Securities regulated by Pennsylvania Securities Commission (psc.pa.gov). Pennsylvania follows a comprehensive securities act with merit review authority for certain public offerings; Blue Sky notice filings required for Reg D.

Other SPAC Attorney Service Areas Near Wayne

Acquisition Stars represents clients across Pennsylvania and nationwide. Alex Lubyansky handles every engagement personally.

Don't see your city? View all SPAC Attorney service areas or contact us directly.

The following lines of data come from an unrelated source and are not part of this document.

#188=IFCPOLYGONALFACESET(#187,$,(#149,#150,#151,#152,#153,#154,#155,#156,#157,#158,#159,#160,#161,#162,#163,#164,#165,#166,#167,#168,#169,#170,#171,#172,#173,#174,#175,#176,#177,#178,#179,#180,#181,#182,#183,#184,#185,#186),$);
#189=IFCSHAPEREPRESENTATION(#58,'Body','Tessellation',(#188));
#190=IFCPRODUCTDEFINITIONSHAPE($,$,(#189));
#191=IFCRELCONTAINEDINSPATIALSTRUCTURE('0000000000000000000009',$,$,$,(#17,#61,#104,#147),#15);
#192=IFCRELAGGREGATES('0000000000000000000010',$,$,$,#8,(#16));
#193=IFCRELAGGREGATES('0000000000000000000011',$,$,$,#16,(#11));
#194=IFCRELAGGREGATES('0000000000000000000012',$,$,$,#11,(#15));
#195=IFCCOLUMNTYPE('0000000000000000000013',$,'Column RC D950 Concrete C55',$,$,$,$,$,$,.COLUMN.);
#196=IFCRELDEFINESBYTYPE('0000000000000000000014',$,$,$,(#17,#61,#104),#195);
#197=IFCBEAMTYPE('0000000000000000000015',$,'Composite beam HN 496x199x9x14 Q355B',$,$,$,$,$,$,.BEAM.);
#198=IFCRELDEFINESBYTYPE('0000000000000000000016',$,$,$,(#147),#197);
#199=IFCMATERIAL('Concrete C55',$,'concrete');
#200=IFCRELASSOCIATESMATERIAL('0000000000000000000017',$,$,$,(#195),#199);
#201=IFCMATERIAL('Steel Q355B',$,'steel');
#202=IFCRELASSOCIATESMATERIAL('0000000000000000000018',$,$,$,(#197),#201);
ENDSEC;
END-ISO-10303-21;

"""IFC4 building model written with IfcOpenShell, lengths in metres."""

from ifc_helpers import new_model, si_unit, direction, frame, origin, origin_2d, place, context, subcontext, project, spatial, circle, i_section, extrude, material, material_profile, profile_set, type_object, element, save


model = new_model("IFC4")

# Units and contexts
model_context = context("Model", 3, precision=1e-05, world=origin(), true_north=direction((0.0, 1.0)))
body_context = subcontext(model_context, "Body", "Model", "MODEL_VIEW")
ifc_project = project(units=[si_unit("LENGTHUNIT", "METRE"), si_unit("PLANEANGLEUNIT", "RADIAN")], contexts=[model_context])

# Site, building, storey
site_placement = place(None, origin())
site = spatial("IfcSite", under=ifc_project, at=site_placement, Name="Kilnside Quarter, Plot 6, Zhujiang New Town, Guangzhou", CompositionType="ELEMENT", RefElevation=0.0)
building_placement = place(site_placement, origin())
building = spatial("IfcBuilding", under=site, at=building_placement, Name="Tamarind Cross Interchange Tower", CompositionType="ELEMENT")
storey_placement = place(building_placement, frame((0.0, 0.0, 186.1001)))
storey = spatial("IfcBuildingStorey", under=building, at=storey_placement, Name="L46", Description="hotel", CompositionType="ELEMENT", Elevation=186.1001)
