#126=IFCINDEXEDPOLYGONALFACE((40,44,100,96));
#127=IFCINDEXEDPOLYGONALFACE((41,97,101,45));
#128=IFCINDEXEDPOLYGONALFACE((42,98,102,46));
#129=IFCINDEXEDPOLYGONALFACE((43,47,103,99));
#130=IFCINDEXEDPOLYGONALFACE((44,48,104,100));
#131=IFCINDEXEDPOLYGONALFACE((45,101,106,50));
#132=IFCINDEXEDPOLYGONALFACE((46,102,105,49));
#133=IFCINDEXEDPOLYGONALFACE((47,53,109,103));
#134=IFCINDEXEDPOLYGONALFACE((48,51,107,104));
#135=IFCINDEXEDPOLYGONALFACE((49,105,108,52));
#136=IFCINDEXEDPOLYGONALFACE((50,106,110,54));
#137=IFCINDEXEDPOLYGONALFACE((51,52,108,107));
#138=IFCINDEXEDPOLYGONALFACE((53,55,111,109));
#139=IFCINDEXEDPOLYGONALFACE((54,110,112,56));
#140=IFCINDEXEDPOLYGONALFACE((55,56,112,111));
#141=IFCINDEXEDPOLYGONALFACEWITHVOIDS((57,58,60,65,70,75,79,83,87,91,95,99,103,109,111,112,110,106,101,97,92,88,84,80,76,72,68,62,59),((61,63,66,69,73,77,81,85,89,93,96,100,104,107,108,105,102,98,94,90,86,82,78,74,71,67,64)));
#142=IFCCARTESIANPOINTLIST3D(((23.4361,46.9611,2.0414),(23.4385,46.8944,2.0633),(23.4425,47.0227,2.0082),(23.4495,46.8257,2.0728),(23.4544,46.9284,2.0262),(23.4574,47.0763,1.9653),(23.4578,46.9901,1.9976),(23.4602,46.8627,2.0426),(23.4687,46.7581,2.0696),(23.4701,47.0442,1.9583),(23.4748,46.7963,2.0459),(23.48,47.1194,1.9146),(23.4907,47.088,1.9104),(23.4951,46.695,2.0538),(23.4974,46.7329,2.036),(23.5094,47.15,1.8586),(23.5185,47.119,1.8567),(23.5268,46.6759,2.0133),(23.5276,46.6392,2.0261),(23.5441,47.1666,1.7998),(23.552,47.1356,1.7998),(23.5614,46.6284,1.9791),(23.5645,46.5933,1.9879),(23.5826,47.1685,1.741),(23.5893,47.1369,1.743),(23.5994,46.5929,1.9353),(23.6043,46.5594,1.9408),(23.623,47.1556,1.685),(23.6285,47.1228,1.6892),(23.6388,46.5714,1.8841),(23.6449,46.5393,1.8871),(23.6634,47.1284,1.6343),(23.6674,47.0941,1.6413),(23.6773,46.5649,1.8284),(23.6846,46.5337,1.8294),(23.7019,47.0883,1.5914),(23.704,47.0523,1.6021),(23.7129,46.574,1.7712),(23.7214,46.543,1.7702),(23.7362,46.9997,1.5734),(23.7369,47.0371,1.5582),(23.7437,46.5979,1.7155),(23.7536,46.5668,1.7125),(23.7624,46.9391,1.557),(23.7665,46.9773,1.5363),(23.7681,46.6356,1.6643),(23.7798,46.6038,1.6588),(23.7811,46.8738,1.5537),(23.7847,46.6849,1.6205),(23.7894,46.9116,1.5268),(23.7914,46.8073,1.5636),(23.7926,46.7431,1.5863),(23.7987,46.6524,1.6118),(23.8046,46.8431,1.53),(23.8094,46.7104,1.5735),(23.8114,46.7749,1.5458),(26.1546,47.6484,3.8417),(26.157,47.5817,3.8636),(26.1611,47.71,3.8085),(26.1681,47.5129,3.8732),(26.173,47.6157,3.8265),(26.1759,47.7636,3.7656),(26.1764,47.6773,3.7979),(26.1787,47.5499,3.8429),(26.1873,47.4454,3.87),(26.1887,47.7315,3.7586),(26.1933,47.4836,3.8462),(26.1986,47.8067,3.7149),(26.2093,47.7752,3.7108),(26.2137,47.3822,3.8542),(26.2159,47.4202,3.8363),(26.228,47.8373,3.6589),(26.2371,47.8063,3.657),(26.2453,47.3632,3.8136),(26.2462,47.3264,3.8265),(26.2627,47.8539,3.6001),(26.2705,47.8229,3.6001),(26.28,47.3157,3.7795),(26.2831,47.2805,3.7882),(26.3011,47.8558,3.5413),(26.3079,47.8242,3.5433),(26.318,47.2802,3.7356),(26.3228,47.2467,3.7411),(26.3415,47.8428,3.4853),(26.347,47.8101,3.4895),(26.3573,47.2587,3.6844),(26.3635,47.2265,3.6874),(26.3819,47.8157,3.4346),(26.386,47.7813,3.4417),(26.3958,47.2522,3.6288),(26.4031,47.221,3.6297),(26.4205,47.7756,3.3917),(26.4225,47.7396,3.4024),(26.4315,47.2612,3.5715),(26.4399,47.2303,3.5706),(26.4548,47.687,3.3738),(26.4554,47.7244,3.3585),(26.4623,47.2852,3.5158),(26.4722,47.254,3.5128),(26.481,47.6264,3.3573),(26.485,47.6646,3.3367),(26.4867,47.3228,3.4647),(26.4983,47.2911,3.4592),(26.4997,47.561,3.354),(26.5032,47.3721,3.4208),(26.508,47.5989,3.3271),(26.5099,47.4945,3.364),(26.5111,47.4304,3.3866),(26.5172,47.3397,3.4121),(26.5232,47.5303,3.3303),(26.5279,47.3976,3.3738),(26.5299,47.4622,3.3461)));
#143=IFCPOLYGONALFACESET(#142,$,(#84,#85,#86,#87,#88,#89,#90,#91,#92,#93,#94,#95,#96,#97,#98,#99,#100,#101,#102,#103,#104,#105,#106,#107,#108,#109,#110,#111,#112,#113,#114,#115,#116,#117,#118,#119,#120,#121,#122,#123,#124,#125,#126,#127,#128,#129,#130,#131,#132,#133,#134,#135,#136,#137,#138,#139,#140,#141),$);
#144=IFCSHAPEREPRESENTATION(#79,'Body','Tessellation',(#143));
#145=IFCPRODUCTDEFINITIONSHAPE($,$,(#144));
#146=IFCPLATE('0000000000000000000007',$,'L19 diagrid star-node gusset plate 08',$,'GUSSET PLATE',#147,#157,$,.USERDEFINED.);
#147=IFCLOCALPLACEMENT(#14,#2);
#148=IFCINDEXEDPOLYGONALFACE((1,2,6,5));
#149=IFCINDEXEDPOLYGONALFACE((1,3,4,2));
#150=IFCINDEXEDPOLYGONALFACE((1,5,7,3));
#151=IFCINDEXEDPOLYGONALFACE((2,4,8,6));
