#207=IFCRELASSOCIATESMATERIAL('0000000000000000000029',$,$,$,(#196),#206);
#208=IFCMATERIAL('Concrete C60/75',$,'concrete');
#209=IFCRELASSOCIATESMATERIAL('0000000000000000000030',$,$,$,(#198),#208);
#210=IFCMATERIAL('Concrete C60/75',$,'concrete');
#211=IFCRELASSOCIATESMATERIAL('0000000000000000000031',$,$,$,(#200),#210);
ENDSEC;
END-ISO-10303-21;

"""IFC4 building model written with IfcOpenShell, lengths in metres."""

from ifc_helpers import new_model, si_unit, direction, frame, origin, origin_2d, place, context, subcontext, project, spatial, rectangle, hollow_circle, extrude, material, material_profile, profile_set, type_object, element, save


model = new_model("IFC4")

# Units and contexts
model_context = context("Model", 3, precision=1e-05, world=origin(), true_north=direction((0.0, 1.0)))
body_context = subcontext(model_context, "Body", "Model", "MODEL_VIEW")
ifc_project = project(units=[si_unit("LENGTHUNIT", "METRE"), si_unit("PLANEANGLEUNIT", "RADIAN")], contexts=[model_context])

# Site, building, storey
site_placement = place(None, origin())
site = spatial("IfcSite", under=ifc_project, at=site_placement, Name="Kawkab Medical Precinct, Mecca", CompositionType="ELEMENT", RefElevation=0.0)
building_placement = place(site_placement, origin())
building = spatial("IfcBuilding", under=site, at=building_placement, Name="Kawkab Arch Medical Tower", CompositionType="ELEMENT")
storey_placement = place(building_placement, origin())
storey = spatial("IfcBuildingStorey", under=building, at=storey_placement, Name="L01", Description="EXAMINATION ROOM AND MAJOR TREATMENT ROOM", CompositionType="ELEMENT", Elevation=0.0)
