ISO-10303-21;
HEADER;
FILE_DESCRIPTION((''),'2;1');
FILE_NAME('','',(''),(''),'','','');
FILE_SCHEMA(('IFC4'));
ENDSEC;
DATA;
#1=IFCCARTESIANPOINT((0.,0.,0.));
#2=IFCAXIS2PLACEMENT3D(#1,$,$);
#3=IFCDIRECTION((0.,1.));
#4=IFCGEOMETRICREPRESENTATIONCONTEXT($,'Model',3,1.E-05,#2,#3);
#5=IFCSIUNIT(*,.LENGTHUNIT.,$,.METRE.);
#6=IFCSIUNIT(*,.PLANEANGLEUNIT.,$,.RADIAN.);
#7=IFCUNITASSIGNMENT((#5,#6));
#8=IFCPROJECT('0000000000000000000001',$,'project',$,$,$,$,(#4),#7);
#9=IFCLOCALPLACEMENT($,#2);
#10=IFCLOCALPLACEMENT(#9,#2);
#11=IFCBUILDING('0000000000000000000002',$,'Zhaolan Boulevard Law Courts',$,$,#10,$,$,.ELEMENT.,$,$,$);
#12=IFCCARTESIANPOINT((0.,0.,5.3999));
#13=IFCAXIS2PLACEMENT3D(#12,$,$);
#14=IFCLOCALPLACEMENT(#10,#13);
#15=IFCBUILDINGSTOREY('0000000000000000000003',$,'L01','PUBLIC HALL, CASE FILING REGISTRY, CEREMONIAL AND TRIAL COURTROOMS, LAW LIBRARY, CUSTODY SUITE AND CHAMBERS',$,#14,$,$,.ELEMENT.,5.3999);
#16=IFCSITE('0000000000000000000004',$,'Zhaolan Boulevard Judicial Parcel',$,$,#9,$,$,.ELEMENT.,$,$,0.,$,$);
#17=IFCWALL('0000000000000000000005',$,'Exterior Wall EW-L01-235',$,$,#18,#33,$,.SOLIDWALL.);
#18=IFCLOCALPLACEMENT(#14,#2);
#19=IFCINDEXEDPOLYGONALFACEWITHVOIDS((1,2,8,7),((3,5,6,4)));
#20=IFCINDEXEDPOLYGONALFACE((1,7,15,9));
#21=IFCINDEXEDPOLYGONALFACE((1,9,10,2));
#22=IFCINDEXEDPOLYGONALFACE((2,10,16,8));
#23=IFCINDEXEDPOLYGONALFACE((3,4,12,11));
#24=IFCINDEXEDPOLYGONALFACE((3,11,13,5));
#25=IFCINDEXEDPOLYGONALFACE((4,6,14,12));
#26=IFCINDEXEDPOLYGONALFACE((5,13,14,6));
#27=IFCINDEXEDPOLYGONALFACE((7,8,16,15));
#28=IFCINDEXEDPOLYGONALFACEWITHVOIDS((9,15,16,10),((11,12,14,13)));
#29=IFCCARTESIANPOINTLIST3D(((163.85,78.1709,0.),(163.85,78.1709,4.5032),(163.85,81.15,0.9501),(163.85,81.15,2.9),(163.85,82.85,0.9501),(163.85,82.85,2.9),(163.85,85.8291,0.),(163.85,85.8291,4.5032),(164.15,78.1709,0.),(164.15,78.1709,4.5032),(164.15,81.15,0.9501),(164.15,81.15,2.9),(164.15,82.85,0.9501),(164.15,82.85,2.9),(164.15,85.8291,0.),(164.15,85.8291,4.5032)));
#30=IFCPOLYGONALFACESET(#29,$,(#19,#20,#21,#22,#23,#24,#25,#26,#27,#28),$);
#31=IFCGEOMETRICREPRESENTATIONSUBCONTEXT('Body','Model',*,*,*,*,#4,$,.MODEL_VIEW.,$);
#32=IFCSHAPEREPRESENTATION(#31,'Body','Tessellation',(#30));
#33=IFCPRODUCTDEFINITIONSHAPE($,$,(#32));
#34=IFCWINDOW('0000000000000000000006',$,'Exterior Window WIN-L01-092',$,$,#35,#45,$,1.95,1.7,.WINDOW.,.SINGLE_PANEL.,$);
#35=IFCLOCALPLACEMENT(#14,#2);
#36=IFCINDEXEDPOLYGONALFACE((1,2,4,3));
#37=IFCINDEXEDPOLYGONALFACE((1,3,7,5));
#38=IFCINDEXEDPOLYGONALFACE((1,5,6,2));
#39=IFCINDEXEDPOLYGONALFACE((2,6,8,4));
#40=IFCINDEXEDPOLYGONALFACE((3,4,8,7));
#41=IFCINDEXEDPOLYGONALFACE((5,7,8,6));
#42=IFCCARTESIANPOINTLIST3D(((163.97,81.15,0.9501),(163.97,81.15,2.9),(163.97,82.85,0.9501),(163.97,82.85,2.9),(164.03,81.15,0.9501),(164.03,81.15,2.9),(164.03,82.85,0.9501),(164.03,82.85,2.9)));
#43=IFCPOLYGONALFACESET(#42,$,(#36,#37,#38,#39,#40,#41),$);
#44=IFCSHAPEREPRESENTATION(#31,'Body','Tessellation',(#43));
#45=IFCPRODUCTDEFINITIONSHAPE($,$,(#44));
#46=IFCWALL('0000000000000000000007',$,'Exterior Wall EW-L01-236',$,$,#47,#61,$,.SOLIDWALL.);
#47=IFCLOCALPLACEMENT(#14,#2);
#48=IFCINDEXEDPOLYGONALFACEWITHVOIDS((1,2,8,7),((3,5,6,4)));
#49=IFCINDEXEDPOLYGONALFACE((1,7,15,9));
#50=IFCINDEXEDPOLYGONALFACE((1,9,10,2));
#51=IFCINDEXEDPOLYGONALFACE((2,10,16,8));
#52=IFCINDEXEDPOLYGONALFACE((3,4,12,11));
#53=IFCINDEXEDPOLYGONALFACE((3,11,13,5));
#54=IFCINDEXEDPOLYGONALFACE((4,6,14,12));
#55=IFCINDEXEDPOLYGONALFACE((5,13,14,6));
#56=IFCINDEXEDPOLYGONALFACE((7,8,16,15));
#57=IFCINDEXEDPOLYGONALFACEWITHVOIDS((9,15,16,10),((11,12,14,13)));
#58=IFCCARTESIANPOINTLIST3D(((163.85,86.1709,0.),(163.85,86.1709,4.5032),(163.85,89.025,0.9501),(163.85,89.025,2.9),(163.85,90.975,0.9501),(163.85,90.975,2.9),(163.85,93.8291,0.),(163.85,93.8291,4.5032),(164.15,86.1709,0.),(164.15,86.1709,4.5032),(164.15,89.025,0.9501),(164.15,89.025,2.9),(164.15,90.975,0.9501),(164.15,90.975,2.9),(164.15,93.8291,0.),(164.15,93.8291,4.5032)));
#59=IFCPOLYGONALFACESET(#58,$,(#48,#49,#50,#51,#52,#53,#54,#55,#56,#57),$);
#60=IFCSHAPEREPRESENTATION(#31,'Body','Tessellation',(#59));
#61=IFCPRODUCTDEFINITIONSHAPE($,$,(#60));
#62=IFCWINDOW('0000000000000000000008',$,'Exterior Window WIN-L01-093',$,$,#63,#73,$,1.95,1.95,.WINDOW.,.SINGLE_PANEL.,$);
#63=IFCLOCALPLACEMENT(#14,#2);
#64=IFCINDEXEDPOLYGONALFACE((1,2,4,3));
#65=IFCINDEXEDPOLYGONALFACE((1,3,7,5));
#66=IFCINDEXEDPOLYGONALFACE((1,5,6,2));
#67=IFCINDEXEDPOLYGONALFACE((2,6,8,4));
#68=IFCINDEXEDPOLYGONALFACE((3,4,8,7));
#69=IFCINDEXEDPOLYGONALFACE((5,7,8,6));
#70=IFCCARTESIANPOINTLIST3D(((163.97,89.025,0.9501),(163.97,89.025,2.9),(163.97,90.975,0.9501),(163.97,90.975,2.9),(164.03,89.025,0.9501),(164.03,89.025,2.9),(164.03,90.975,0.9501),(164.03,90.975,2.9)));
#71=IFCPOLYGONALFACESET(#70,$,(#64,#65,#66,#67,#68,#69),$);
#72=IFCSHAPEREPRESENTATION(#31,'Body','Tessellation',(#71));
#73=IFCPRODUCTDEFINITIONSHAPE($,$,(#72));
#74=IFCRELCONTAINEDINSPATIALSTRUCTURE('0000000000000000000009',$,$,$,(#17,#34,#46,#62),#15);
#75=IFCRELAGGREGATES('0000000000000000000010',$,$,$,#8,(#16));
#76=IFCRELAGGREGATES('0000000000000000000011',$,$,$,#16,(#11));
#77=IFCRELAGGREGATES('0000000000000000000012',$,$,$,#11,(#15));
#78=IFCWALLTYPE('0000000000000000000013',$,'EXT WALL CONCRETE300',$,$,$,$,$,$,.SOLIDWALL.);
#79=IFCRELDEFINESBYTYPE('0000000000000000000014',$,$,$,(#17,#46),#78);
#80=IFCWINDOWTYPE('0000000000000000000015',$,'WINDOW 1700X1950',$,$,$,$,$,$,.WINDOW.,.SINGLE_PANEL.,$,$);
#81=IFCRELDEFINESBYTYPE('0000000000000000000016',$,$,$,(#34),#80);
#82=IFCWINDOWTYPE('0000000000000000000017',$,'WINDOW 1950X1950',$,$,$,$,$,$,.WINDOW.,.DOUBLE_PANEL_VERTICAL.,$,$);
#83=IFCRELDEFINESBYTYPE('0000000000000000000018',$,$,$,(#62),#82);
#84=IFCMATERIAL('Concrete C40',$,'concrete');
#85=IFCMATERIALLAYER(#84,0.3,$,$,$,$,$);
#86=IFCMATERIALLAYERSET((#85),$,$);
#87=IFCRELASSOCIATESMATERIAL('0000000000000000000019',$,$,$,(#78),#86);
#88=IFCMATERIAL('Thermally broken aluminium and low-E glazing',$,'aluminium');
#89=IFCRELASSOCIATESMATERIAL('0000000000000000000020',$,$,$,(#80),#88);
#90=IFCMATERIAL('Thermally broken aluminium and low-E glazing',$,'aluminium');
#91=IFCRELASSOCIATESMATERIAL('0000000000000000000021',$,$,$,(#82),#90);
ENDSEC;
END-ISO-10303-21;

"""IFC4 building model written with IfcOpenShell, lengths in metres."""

from ifc_helpers import new_model, si_unit, direction, frame, frame_2d, origin, place, context, subcontext, project, spatial, rectangle, extrude, material, layer, layer_set, type_object, element, fill, save


model = new_model("IFC4")

# Units and contexts
model_context = context("Model", 3, precision=1e-05, world=origin(), true_north=direction((0.0, 1.0)))
body_context = subcontext(model_context, "Body", "Model", "MODEL_VIEW")
ifc_project = project(units=[si_unit("LENGTHUNIT", "METRE"), si_unit("PLANEANGLEUNIT", "RADIAN")], contexts=[model_context])

# Site, building, storey
site_placement = place(None, origin())
site = spatial("IfcSite", under=ifc_project, at=site_placement, Name="Zhaolan Boulevard Judicial Parcel", CompositionType="ELEMENT", RefElevation=0.0)
building_placement = place(site_placement, origin())
building = spatial("IfcBuilding", under=site, at=building_placement, Name="Zhaolan Boulevard Law Courts", CompositionType="ELEMENT")
storey_placement = place(building_placement, frame((0.0, 0.0, 5.3999)))
storey = spatial("IfcBuildingStorey", under=building, at=storey_placement, Name="L01", Description="PUBLIC HALL, CASE FILING REGISTRY, CEREMONIAL AND TRIAL COURTROOMS, LAW LIBRARY, CUSTODY SUITE AND CHAMBERS", CompositionType="ELEMENT", Elevation=5.3999)

# Walls, openings, windows
ifc_material_1 = material(Name="Concrete C40", Category="concrete")
ifc_layer_1 = layer(ifc_material_1, 0.3)
ifc_layer_set_1 = layer_set([ifc_layer_1])
wall_type = type_object("IfcWallType", Name="EXT WALL CONCRETE300", PredefinedType="SOLIDWALL", material=ifc_layer_set_1)
wall_1_placement = place(storey_placement, frame((164.0, 78.1709, 0.0), z_axis=(0.0, 0.0, 1.0), x_axis=(0.0, 1.0, 0.0)))
wall_1 = element("IfcWall", 1, at=wall_1_placement, inside=storey, type_object=wall_type, Name="Exterior Wall EW-L01-235", PredefinedType="SOLIDWALL", context=body_context, shape_type="SweptSolid", body=[
    extrude(rectangle(XDim=7.6582, YDim=0.3, at=frame_2d((3.8291, 0.0))), origin(), (0.0, 0.0, 1.0), 4.5032),
])
opening_1_placement = place(wall_1_placement, frame((2.979, 0.0, 0.95)))
opening_1 = element("IfcOpeningElement", 2, at=opening_1_placement, cuts=wall_1, PredefinedType="OPENING", context=body_context, shape_type="SweptSolid", body=[
    extrude(rectangle(XDim=1.7, YDim=1.95, at=frame_2d((0.8501, 0.9751))), frame((0.0, 0.1599, 0.0), z_axis=(0.0, -1.0, 0.0), x_axis=(1.0, 0.0, 0.0)), (0.0, 0.0, 1.0), 0.3201),
])
ifc_material_2 = material(Name="Thermally broken aluminium and low-E glazing", Category="aluminium")
window_type_1 = type_object("IfcWindowType", Name="WINDOW 1700X1950", PartitioningType="SINGLE_PANEL", PredefinedType="WINDOW", material=ifc_material_2)
window_1_placement = place(opening_1_placement, origin())
window_1 = element("IfcWindow", 3, at=window_1_placement, inside=storey, type_object=window_type_1, Name="Exterior Window WIN-L01-092", OverallHeight=1.95, OverallWidth=1.7, PartitioningType="SINGLE_PANEL", PredefinedType="WINDOW", context=body_context, shape_type="SweptSolid", body=[
    extrude(rectangle(XDim=1.7, YDim=1.95, at=frame_2d((0.8501, 0.9751))), frame((0.0, 0.03, 0.0), z_axis=(0.0, -1.0, 0.0), x_axis=(1.0, 0.0, 0.0)), (0.0, 0.0, 1.0), 0.0601),
])
fill(opening_1, window_1)
wall_2_placement = place(storey_placement, frame((164.0, 86.1709, 0.0), z_axis=(0.0, 0.0, 1.0), x_axis=(0.0, 1.0, 0.0)))
wall_2 = element("IfcWall", 4, at=wall_2_placement, inside=storey, type_object=wall_type, Name="Exterior Wall EW-L01-236", PredefinedType="SOLIDWALL", context=body_context, shape_type="SweptSolid", body=[
    extrude(rectangle(XDim=7.6582, YDim=0.3, at=frame_2d((3.8291, 0.0))), origin(), (0.0, 0.0, 1.0), 4.5032),
])
opening_2_placement = place(wall_2_placement, frame((2.854, 0.0, 0.95)))
opening_2 = element("IfcOpeningElement", 5, at=opening_2_placement, cuts=wall_2, PredefinedType="OPENING", context=body_context, shape_type="SweptSolid", body=[
    extrude(rectangle(XDim=1.95, YDim=1.95, at=frame_2d((0.9751, 0.9751))), frame((0.0, 0.1599, 0.0), z_axis=(0.0, -1.0, 0.0), x_axis=(1.0, 0.0, 0.0)), (0.0, 0.0, 1.0), 0.3201),
])
ifc_material_3 = material(Name="Thermally broken aluminium and low-E glazing", Category="aluminium")
window_type_2 = type_object("IfcWindowType", Name="WINDOW 1950X1950", PartitioningType="DOUBLE_PANEL_VERTICAL", PredefinedType="WINDOW", material=ifc_material_3)
window_2_placement = place(opening_2_placement, origin())
window_2 = element("IfcWindow", 6, at=window_2_placement, inside=storey, type_object=window_type_2, Name="Exterior Window WIN-L01-093", OverallHeight=1.95, OverallWidth=1.95, PartitioningType="SINGLE_PANEL", PredefinedType="WINDOW", context=body_context, shape_type="SweptSolid", body=[
    extrude(rectangle(XDim=1.95, YDim=1.95, at=frame_2d((0.9751, 0.9751))), frame((0.0, 0.03, 0.0), z_axis=(0.0, -1.0, 0.0), x_axis=(1.0, 0.0, 0.0)), (0.0, 0.0, 1.0), 0.0601),
])
fill(opening_2, window_2)

save(model, "model.ifc")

Attorney perspective on spac attorney matters in Wayne

Alex Lubyansky, Managing Partner at Acquisition Stars
"The SPAC structure is not a shortcut. It trades traditional IPO scrutiny for de-SPAC scrutiny, and the SEC has gotten much more aggressive about the latter. The real work is in the business combination, not the IPO."
Alex Lubyansky, Senior Counsel On SPAC transaction reality (Client engagement letter)

15+ years of M&A and securities transaction experience Senior counsel on every engagement Admitted in Michigan, practicing nationwide

Reviewed by Alex Lubyansky on . Read full bio

Ready to Talk About Your Wayne Deal?

Alex Lubyansky handles every engagement personally. Tell us about your transaction and we will let you know if there is a fit.

Request Engagement Assessment

Tell us about your deal. We review every submission and respond within one business day.

Your information is kept strictly confidential and will never be shared. Privacy Policy

One attorney on every deal. Nationwide. 15+ years of M&A experience.